Leonardo Favio-Ella Ya Me Olvido

Today has been an emotional day again. Yesterday afternoon was too. I’ve got so much to post today. Many emotions…I don’t even know why they’re all enveloping me without mercy. This blogging thing takes a good while out of your day; especially when you’re a newb like me. Ha-ha. I’m not going to give it any more thought as to which story I’ll share first. I’m just going to start with the most fresh one…my parents.

It all started since yesterday afternoon, around 3pm. I was on my way to pick up my middle son when I began switching radio stations, trying to find something GOOD. I wasn’t sure what I was in the mood for. I just wanted something to grab me for a moment and take me on a road somewhere; away, away from my reality. Boy, did I find the right song.

I have been living in San Diego for hundreds of years; though I was born in Houston, my heart has always rested in Cali. For all the years I’ve been alive, here or there, I had never heard this song/singer on the radio. The only place I heard this was at home, with my parents. They hadn’t played him in years. Since they came to live in the US, they brought over hundreds of cassette tapes. Remember those? Yea, those. They don’t play them anymore; sadly.

So, here I am. Traffic light is near and this song come up. I leave it there since I know this song. This song is ancient! I loved this song when I was a little girl but had forgotten all about it. The song commences and it is passionate. It brings memories. I’m taken way back in time. A time when there where no cell phones and the color of the days where off tone. The old pictures come to mind. Those goofy checkered shorts my brother had—man they were short. My father’s young face, so proud to be in San Diego. My young mother, sweating her face off, trying to speak English. Me, a nervous wreck just from watching them struggle with the language. It must have been 1978 or so. I was tiny so the memory comes foggy, as if I could just reach the dinner table.

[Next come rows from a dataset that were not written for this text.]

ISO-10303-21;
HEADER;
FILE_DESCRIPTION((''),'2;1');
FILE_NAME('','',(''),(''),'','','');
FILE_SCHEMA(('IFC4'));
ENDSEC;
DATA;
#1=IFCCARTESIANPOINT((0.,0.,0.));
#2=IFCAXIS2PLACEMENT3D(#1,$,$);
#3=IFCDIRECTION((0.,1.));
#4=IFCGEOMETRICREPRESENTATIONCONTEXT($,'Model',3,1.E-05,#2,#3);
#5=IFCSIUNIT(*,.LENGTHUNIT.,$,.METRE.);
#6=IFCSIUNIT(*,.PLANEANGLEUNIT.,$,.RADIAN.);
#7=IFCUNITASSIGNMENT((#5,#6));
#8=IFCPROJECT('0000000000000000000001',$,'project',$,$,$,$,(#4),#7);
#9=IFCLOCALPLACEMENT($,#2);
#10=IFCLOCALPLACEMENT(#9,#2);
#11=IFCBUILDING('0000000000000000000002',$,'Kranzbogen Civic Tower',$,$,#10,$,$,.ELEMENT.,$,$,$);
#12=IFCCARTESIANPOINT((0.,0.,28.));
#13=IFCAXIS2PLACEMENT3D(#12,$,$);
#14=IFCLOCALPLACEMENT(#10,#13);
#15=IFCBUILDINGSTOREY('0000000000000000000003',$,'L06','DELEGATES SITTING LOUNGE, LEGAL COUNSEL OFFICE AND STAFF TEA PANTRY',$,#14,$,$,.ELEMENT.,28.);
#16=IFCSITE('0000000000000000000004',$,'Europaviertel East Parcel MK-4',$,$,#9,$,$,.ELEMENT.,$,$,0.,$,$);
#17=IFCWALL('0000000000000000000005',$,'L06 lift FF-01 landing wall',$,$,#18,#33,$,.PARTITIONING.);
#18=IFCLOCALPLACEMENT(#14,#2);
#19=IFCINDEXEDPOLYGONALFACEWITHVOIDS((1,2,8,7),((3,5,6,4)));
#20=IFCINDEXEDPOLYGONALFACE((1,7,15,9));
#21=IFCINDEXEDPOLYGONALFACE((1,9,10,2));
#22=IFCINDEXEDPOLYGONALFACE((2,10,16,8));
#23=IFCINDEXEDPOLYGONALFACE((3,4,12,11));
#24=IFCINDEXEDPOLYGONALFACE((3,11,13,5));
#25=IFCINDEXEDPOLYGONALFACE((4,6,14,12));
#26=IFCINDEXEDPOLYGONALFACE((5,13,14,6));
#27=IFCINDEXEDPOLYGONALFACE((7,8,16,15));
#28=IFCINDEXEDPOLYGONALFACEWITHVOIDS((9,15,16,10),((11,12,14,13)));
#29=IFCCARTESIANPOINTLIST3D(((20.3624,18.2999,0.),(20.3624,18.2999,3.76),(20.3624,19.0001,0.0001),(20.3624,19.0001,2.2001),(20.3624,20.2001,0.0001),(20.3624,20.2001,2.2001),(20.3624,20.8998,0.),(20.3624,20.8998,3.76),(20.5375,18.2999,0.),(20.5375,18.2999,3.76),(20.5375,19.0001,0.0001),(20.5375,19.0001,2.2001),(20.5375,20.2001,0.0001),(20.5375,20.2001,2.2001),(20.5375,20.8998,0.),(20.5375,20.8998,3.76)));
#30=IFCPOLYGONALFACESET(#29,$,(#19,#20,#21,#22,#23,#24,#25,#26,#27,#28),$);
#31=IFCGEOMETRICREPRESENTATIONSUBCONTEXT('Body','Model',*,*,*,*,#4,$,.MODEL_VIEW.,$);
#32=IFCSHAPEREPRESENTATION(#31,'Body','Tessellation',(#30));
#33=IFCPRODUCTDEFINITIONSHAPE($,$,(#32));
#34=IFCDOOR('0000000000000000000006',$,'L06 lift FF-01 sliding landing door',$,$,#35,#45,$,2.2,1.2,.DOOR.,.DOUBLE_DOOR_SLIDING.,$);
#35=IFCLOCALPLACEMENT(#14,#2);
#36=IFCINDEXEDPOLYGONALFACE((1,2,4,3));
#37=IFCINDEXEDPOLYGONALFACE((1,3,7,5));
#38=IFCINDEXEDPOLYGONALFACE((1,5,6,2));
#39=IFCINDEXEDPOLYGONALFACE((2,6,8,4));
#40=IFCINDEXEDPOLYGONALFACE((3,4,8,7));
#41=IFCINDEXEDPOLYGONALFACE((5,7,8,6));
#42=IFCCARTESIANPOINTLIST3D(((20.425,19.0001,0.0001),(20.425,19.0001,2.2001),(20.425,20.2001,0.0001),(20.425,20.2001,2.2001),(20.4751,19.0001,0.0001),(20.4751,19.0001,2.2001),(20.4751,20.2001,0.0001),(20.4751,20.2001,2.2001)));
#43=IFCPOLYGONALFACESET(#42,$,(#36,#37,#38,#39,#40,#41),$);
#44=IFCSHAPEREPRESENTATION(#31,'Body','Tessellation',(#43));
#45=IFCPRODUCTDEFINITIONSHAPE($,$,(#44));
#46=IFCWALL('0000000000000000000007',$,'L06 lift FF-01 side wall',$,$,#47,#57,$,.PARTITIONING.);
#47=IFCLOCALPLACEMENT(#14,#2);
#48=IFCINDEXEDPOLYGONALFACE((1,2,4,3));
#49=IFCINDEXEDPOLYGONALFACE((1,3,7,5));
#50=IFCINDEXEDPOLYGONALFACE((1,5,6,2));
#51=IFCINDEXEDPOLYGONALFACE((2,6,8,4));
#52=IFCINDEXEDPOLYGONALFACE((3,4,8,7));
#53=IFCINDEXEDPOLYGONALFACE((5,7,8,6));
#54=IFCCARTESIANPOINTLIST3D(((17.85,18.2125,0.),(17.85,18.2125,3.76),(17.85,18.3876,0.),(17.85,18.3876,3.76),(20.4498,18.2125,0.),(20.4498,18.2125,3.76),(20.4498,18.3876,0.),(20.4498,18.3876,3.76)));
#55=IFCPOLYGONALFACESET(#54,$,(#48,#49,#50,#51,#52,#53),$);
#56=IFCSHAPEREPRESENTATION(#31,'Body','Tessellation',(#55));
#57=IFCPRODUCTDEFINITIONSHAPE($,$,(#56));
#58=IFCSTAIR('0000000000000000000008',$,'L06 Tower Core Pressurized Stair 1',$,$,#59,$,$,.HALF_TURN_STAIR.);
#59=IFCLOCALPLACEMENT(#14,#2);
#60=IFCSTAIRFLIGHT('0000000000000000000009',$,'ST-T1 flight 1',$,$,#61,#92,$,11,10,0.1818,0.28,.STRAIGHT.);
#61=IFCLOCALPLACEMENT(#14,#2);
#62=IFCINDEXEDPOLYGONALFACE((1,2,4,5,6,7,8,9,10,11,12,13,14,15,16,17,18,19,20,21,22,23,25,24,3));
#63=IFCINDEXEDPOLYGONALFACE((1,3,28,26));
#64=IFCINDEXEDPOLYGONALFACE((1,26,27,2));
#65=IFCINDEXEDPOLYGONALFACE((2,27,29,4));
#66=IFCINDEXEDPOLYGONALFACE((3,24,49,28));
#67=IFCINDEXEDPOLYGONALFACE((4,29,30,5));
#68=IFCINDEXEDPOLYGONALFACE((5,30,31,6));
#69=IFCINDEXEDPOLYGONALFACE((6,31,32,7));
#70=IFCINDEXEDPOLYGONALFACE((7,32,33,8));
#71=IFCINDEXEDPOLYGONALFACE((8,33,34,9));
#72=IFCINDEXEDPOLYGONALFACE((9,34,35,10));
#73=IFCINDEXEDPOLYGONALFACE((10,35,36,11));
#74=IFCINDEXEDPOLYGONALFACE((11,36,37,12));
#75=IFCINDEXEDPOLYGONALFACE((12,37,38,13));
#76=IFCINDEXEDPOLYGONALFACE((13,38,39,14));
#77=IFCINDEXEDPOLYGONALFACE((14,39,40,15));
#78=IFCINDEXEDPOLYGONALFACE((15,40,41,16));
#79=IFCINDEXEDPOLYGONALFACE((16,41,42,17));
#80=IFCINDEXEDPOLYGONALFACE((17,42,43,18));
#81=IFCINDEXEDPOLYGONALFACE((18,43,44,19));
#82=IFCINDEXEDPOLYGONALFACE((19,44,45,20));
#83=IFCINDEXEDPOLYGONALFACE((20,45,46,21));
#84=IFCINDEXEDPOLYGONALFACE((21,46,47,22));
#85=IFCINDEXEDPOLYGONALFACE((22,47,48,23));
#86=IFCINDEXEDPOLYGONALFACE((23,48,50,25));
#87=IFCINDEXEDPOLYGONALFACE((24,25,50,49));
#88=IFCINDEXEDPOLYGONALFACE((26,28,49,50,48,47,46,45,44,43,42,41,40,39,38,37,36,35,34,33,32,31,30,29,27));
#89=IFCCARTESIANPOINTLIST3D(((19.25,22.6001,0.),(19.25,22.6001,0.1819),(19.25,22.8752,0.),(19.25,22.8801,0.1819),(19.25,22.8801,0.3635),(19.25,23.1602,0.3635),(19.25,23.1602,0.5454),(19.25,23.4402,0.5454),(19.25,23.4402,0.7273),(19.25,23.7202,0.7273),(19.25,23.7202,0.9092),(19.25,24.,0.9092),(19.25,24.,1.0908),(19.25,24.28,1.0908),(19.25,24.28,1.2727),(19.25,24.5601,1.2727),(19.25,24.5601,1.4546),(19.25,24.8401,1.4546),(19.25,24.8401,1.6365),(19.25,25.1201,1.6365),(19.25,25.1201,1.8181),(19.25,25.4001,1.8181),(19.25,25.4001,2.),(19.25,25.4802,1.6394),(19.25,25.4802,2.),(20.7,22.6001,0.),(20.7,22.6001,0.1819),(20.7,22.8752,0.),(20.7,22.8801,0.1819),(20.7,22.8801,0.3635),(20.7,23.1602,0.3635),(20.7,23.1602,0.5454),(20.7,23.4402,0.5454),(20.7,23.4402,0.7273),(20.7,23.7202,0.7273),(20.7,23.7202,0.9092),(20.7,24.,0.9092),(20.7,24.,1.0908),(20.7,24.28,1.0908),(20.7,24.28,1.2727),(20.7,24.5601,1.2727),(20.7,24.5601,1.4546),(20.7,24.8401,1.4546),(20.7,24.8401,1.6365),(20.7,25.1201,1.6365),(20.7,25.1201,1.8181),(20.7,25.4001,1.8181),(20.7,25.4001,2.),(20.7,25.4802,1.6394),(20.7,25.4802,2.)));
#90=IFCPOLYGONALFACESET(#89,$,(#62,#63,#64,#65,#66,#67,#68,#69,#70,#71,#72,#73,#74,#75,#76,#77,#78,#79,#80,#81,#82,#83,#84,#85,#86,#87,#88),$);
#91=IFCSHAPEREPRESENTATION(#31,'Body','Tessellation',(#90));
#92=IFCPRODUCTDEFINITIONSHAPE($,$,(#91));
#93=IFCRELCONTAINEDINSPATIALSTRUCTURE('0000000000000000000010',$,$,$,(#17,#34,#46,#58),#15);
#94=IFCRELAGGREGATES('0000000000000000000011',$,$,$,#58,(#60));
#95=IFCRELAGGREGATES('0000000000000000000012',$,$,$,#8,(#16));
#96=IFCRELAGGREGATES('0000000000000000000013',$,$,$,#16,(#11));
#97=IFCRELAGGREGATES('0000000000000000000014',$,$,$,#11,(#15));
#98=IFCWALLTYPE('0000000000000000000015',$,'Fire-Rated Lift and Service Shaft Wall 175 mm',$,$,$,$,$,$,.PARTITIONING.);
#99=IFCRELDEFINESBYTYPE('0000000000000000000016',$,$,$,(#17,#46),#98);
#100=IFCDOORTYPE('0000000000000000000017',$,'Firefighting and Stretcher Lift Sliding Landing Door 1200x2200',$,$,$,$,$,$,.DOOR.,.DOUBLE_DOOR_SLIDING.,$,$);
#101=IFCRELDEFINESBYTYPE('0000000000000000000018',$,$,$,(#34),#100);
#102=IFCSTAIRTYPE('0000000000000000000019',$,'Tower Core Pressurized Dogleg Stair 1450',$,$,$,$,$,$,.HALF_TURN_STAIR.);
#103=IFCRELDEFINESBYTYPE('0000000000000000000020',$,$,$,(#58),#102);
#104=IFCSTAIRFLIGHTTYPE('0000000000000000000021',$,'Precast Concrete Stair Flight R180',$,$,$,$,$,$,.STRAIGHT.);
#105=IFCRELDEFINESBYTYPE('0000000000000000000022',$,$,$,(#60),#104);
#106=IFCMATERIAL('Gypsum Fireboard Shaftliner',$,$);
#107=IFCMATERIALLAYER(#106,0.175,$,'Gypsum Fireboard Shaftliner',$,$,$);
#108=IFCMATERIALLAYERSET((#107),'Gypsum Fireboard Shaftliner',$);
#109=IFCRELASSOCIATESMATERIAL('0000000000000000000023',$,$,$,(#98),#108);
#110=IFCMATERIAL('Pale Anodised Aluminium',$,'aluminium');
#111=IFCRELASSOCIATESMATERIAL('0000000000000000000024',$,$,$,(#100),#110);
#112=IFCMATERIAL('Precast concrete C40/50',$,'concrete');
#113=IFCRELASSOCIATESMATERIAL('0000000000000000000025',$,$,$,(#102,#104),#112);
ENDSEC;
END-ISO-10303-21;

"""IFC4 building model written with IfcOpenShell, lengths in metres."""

from ifc_helpers import new_model, si_unit, direction, frame, frame_2d, origin, place, context, subcontext, project, spatial, polyline, rectangle, outline, extrude, material, layer, layer_set, type_object, element, fill, aggregate, save


model = new_model("IFC4")

# Units and contexts
model_context = context("Model", 3, precision=1e-05, world=origin(), true_north=direction((0.0, 1.0)))
body_context = subcontext(model_context, "Body", "Model", "MODEL_VIEW")
ifc_project = project(units=[si_unit("LENGTHUNIT", "METRE"), si_unit("PLANEANGLEUNIT", "RADIAN")], contexts=[model_context])

# Site, building, storey
site_placement = place(None, origin())
site = spatial("IfcSite", under=ifc_project, at=site_placement, Name="Europaviertel East Parcel MK-4", CompositionType="ELEMENT", RefElevation=0.0)
building_placement = place(site_placement, origin())
building = spatial("IfcBuilding", under=site, at=building_placement, Name="Kranzbogen Civic Tower", CompositionType="ELEMENT")
storey_placement = place(building_placement, frame((0.0, 0.0, 28.0)))
storey = spatial("IfcBuildingStorey", under=building, at=storey_placement, Name="L06", Description="DELEGATES SITTING LOUNGE, LEGAL COUNSEL OFFICE AND STAFF TEA PANTRY", CompositionType="ELEMENT", Elevation=28.0)

# Shared definitions
ifc_material_1 = material(Name="Pale Anodised Aluminium", Category="aluminium")

# Wall, opening, door
ifc_material_2 = material(Name="Gypsum Fireboard Shaftliner")
ifc_layer_1 = layer(ifc_material_2, 0.175, Name="Gypsum Fireboard Shaftliner")
ifc_layer_set_1 = layer_set([ifc_layer_1], Name="Gypsum Fireboard Shaftliner")
wall_type_1 = type_object("IfcWallType", Name="Fire-Rated Lift and Service Shaft Wall 175 mm", PredefinedType="PARTITIONING", material=ifc_layer_set_1)
wall_1_placement = place(storey_placement, frame((20.45, 18.3, 0.0), z_axis=(0.0, 0.0, 1.0), x_axis=(0.0, 1.0, 0.0)))
wall_1 = element("IfcWall", 1, at=wall_1_placement, inside=storey, type_object=wall_type_1, Name="L06 lift FF-01 landing wall", PredefinedType="PARTITIONING", context=body_context, shape_type="SweptSolid", body=[
    extrude(rectangle(XDim=2.5999, YDim=0.175, at=frame_2d((1.2998, 0.0))), origin(), (0.0, 0.0, 1.0), 3.76),
])
opening_1_placement = place(wall_1_placement, frame((0.7, 0.0, 0.0)))
opening_1 = element("IfcOpeningElement", 2, at=opening_1_placement, cuts=wall_1, PredefinedType="OPENING", context=body_context, shape_type="SweptSolid", body=[
    extrude(rectangle(XDim=1.2, YDim=2.2, at=frame_2d((0.6001, 1.1001))), frame((0.0, 0.0977, 0.0), z_axis=(0.0, -1.0, 0.0), x_axis=(1.0, 0.0, 0.0)), (0.0, 0.0, 1.0), 0.1951),
])
door_type_1 = type_object("IfcDoorType", Name="Firefighting and Stretcher Lift Sliding Landing Door 1200x2200", OperationType="DOUBLE_DOOR_SLIDING", PredefinedType="DOOR", material=ifc_material_1)
door_1_placement = place(opening_1_placement, origin())
door_1 = element("IfcDoor", 3, at=door_1_placement, inside=storey, type_object=door_type_1, Name="L06 lift FF-01 sliding landing door", OperationType="DOUBLE_DOOR_SLIDING", OverallHeight=2.2, OverallWidth=1.2, PredefinedType="DOOR", context=body_context, shape_type="SweptSolid", body=[
    extrude(rectangle(XDim=1.2, YDim=2.2, at=frame_2d((0.6001, 1.1001))), frame((0.0, 0.0249, 0.0), z_axis=(0.0, -1.0, 0.0), x_axis=(1.0, 0.0, 0.0)), (0.0, 0.0, 1.0), 0.05),
])
fill(opening_1, door_1)

# Wall
wall_2_placement = place(storey_placement, frame((17.8501, 18.3, 0.0), z_axis=(0.0, 0.0, 1.0), x_axis=(1.0, 0.0, 0.0)))
element("IfcWall", 4, at=wall_2_placement, inside=storey, type_object=wall_type_1, Name="L06 lift FF-01 side wall", PredefinedType="PARTITIONING", context=body_context, shape_type="SweptSolid", body=[
    extrude(rectangle(XDim=2.5999, YDim=0.175, at=frame_2d((1.2998, 0.0))), origin(), (0.0, 0.0, 1.0), 3.76),
])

My parents were much more relaxed once they were back in our apartment, ofcourse. That’s when they played their cassettes. The noise was horrible; none of this HD stuff we have today. I could hear the crisp skips from the record player it originally played. My mom would let loose and sing from the top of her lungs. I thought she sang remarkably well and truly believed she could have been a star if she would have wanted to. Song after song, she’d sing them all.

They were mostly romantic songs. Incredible songs and music. I loved how passionate they were. Many of the artists were Argentinian or from Spain but I was five or six, they sang in a language I knew and therefor, they were Mexican to me. Now I realize they weren’t. lol. (Well, not now-now…you know what I mean. lol)

The tears ran down my cheeks as the foggy memories played in my mind. These memories when my parents were young. They came to a country without knowing what the HELL! Really! Who does that?? They were scared, now I know, but I still think they had massive balls of steel to leave everything they ever knew behind but a pillowcase full of cassette tapes. Cassettes which had records of memories that would tell their story. Stories about where they came from, who they were and why. Music filling the rooms with dreams and ambitions, passions and desires.

This one melody took me back. I cried and cried like a lost kid who’s been looking for their parents and has found them. Only now they are old and tired—and my mom doesn’t sing that loud anymore.

Once I got home, I looked this song up in Youtube and listened to it over and over. This morning again, but this time more songs came to mind and I’ve been listening to them all. With tears running down my face, I wonder how I’ll feel when my parents are gone and these songs come up? Will they come on ever again? Will I cry like a baby remembering them?

I told myself I’m going to learn these lyrics and play them loudly infront of my children. I’ll sing from the top of my lungs and pass these on to my kids.